# Skoda Octavia 2010 1.9 TDI BXE @ 177/397 Stage2



## Tozi (Sep 1, 2014)

Skoda Octavia 2010 1.9 TDI BXE @ 177/397 Stage2
Changed only: 
- VR6 clutch, single-mas flywheel 
- Turbo hybrid p&p 
The rest of the standard. 
I think the cheapest mod in relation to the obtained effects. Probably fits p&p to all engines with straight exhaust channels (such BXE, BMM or ARL). From what I know it is also possible to mount the engine with diagonal channels such as.
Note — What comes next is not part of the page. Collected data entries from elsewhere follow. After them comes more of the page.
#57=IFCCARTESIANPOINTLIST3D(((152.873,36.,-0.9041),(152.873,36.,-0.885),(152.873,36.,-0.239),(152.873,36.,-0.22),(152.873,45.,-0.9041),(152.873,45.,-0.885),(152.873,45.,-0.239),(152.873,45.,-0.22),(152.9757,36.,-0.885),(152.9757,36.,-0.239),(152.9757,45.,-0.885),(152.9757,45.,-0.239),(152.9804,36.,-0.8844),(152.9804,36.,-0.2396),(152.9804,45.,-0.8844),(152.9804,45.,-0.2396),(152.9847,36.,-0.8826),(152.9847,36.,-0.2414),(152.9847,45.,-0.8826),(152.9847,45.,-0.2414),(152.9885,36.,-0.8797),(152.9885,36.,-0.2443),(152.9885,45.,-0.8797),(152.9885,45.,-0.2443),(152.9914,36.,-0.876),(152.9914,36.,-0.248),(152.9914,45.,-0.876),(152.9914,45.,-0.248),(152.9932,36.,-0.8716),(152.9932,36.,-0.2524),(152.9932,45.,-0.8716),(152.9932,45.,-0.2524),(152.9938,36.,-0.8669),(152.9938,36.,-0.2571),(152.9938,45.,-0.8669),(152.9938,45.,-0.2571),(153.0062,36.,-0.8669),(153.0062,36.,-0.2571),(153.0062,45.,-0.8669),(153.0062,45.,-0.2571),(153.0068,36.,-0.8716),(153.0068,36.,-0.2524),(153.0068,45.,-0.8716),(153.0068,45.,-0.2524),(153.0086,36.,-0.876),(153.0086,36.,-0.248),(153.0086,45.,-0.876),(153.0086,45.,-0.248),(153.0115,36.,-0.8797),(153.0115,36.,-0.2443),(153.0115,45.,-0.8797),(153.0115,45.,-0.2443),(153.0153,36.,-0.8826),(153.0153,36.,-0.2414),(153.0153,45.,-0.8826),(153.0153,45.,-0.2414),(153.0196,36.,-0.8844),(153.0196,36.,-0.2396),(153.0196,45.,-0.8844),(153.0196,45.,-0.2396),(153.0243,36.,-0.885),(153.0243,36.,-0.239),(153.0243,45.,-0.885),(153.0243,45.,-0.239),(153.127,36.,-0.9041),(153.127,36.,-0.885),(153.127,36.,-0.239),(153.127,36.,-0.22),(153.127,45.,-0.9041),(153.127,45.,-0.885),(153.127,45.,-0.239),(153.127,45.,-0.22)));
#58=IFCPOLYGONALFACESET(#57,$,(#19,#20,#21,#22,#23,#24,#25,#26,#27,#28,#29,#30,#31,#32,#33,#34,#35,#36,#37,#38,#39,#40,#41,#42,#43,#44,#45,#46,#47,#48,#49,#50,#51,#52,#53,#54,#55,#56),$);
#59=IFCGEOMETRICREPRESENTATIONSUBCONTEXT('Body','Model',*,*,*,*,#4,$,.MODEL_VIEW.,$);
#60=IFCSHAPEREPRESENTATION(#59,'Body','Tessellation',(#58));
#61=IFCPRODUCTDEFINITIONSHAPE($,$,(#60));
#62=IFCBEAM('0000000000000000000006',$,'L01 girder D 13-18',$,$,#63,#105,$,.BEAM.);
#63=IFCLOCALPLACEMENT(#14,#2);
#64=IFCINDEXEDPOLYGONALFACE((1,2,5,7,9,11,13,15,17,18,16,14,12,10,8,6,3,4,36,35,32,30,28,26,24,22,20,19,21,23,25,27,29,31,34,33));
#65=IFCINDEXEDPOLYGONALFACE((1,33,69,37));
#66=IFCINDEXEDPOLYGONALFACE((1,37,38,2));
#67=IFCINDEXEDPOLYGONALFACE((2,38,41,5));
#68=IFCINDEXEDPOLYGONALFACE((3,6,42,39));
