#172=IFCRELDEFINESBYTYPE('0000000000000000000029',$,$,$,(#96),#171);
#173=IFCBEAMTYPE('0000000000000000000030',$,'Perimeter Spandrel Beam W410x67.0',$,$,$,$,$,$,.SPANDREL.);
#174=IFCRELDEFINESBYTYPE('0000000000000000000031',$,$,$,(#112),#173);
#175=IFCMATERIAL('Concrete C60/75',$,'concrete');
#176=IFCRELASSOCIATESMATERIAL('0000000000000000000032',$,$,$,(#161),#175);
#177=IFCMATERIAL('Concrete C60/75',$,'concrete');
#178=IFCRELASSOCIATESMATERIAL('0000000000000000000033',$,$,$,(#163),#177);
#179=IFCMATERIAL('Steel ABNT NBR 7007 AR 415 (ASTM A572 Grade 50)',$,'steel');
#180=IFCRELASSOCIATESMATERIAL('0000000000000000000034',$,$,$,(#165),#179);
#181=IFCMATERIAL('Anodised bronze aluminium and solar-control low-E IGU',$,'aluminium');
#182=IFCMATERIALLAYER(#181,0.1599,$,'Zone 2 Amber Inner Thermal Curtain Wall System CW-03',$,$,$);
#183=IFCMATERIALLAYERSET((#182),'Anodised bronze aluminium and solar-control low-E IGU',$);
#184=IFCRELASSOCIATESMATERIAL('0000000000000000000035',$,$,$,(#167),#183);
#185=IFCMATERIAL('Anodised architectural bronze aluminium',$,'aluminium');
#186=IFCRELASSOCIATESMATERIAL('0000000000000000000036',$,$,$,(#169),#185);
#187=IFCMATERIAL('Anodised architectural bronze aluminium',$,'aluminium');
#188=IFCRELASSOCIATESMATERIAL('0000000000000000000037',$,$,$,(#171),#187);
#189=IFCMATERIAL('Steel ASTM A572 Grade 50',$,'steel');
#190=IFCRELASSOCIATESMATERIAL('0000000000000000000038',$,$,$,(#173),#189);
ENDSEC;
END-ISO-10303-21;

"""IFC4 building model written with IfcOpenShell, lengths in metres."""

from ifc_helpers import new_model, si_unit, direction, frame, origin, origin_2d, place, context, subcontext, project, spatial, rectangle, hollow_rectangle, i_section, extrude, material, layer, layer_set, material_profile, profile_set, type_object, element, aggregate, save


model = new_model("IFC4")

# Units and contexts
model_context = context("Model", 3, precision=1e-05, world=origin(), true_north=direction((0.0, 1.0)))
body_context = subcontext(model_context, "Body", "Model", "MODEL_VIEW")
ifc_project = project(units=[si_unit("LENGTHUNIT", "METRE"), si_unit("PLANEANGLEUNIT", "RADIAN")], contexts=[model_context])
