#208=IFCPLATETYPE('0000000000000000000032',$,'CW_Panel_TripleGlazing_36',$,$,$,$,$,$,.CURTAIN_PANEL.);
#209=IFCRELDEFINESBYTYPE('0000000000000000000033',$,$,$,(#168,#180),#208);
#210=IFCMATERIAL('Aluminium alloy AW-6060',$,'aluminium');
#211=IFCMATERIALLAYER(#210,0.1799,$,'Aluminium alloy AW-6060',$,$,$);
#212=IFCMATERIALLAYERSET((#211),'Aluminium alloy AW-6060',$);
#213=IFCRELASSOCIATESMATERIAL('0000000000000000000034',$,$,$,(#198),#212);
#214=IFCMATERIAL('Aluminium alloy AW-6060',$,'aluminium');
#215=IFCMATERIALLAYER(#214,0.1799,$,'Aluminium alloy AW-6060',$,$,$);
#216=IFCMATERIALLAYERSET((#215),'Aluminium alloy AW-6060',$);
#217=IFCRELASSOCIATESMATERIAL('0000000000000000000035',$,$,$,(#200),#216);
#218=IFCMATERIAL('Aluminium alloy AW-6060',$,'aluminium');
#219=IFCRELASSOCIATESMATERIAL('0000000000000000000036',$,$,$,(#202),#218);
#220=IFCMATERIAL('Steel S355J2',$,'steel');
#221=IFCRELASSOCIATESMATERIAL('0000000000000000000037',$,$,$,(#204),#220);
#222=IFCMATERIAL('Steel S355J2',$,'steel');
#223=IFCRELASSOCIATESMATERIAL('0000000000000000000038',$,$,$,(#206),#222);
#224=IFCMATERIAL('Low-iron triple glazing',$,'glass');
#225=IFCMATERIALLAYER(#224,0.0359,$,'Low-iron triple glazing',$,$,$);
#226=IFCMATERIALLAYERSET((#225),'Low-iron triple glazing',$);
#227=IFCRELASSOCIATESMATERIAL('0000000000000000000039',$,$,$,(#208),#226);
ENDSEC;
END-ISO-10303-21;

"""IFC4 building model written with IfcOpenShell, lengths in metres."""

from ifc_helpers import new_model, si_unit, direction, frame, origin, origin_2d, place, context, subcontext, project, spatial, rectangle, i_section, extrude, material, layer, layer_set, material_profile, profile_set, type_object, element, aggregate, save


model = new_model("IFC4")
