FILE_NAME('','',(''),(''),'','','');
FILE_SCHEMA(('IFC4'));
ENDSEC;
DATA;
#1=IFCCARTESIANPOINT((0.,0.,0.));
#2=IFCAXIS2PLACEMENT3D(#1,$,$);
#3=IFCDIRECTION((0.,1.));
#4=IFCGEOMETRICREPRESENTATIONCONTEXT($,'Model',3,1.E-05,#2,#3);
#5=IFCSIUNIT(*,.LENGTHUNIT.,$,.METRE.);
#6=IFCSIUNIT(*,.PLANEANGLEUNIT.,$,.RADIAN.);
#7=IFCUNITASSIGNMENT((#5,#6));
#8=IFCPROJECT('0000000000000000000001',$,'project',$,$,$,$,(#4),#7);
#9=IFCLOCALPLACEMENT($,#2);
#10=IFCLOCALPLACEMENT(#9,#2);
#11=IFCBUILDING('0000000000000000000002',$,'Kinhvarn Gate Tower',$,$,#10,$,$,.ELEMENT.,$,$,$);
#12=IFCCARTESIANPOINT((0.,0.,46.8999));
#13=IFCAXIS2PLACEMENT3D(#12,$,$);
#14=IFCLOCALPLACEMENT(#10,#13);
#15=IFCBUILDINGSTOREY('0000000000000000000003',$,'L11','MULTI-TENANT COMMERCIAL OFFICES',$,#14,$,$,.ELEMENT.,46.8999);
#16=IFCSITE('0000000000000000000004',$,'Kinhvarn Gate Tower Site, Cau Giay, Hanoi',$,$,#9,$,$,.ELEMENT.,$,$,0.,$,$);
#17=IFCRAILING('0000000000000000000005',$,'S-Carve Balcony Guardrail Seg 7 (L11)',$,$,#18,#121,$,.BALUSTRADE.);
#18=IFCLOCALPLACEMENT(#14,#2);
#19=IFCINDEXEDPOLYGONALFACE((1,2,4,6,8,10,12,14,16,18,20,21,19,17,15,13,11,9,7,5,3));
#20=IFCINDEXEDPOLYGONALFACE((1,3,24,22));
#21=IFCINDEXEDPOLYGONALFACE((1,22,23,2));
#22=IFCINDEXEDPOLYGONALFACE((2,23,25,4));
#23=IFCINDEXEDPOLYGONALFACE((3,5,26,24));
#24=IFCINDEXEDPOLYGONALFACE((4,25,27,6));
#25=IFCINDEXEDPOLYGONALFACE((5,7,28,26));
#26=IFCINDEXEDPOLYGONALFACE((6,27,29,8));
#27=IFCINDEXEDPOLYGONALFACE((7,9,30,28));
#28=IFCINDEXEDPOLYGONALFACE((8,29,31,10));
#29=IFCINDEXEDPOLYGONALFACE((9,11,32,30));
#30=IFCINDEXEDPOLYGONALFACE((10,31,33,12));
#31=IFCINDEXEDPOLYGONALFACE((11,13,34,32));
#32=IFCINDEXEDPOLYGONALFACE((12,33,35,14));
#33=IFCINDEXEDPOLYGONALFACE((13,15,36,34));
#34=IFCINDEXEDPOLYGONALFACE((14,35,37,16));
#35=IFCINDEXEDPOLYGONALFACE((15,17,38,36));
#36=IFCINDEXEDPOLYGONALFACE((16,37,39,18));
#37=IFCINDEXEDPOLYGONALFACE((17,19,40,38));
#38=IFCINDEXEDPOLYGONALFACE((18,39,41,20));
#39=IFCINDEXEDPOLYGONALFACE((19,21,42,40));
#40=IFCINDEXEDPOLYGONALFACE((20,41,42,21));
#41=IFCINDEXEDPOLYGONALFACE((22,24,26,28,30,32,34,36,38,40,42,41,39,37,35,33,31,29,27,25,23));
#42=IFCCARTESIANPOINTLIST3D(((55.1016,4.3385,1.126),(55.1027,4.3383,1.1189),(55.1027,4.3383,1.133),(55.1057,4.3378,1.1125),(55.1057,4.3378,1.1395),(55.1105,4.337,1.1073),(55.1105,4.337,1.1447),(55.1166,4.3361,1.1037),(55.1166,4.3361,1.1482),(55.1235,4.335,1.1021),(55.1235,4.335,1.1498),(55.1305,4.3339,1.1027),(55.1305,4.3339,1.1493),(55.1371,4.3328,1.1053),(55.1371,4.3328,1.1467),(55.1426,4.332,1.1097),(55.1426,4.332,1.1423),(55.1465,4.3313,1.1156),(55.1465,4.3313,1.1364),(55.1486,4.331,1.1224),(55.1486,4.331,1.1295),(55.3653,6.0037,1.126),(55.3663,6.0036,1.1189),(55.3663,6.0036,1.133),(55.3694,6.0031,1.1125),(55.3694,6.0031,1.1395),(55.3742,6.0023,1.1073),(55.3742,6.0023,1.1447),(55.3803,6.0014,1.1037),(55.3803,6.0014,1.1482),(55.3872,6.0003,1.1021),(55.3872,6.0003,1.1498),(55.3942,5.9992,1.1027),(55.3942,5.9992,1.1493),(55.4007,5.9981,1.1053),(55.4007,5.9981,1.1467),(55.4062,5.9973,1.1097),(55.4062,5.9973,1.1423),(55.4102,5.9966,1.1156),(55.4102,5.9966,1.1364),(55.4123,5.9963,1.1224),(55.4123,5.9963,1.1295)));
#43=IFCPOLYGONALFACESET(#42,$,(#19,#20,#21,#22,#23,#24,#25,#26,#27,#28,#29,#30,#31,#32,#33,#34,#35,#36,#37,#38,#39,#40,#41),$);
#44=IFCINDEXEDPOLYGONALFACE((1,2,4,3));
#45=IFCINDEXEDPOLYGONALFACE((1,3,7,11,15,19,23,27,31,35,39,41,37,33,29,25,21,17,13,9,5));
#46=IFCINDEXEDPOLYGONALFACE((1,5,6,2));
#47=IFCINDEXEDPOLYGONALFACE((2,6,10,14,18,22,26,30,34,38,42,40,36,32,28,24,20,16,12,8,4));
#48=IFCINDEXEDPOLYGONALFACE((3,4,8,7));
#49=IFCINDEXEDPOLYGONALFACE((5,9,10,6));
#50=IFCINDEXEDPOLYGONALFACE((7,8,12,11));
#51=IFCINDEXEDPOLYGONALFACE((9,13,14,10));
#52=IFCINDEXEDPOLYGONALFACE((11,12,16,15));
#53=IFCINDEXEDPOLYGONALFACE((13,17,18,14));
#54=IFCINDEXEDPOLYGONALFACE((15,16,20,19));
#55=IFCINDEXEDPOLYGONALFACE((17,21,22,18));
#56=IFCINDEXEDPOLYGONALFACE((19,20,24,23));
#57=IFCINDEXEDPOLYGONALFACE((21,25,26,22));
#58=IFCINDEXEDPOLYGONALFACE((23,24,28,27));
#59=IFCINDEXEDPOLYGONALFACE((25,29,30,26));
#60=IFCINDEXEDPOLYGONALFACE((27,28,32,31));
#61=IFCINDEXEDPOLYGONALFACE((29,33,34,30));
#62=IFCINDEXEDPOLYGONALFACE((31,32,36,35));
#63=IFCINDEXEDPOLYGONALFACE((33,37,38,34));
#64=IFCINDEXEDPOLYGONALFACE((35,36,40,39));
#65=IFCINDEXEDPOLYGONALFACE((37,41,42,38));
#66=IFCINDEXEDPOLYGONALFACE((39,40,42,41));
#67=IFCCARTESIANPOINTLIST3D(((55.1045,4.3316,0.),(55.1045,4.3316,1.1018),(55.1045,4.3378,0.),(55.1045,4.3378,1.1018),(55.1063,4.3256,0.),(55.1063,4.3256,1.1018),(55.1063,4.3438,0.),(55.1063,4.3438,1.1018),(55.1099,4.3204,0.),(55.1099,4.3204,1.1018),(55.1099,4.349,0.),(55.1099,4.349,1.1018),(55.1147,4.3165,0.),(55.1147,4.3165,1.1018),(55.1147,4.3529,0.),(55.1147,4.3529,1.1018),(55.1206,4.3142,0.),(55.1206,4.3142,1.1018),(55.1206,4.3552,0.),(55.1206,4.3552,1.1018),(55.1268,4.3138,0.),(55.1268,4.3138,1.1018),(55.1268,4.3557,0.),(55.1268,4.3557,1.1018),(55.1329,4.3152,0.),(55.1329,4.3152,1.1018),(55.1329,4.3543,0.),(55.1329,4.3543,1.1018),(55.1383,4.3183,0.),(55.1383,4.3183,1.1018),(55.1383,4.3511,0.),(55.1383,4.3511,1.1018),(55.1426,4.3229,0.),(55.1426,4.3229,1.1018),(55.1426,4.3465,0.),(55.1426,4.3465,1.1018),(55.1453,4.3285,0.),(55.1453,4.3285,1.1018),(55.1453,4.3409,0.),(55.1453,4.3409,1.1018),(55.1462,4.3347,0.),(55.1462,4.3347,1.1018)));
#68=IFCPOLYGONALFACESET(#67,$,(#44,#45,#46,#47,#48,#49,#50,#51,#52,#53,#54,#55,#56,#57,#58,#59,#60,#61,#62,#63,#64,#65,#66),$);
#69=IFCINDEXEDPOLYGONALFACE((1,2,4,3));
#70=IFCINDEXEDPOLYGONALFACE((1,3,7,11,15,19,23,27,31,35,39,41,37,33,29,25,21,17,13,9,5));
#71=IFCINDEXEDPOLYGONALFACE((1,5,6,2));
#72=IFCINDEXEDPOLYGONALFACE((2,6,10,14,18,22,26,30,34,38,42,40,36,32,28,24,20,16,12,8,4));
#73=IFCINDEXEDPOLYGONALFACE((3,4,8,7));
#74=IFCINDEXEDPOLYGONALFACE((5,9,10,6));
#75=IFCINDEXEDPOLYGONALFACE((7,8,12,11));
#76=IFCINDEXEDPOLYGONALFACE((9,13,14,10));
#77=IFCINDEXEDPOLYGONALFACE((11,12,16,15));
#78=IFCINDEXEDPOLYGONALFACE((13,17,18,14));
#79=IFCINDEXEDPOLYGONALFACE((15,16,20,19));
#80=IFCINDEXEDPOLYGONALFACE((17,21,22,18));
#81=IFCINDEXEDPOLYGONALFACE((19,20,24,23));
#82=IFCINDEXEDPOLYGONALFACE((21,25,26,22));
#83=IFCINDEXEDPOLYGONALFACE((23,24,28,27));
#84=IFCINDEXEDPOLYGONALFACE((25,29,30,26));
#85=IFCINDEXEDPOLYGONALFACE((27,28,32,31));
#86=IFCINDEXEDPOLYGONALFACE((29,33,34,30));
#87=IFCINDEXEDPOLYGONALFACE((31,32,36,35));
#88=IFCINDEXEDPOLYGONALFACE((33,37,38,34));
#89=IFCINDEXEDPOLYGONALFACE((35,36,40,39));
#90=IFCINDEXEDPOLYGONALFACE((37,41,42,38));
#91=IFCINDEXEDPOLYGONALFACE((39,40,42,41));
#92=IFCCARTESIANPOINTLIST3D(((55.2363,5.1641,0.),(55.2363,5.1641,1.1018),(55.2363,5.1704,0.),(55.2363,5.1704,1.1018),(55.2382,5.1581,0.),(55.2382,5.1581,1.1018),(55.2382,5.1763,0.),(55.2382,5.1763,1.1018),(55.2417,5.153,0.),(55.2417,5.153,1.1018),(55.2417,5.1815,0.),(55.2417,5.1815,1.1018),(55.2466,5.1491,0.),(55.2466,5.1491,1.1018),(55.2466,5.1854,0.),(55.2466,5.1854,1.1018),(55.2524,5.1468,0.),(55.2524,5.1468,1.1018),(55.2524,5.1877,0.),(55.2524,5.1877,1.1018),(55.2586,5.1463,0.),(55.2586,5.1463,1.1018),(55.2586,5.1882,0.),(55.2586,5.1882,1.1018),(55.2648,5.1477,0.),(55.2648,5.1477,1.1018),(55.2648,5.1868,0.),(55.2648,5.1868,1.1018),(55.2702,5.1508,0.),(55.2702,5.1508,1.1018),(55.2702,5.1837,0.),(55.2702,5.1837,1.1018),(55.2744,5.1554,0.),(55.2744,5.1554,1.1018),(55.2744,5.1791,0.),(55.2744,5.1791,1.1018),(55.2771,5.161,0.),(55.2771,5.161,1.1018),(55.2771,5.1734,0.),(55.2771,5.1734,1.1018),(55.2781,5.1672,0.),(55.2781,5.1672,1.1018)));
BKD, BMN.


----------



## George skoda driver (May 7, 2013)

That's a nice power gain :thumbup: and lots of torque . can you post a picture of the car here so that we all can see it. keep up the good work on that car :beer:


----------



## racerpoet (Apr 20, 2013)

Wish my dad's TDI had that much power.  Does it smoke nicely?


----------



## katt (Nov 12, 2014)

How i want to post a wanted ad in the MKIII classified


----------



## Tozi (Sep 1, 2014)

racerpoet said:


> Wish my dad's TDI had that much power.  Does it smoke nicely?


On hot days, a bit, but on cold nearly visible.


----------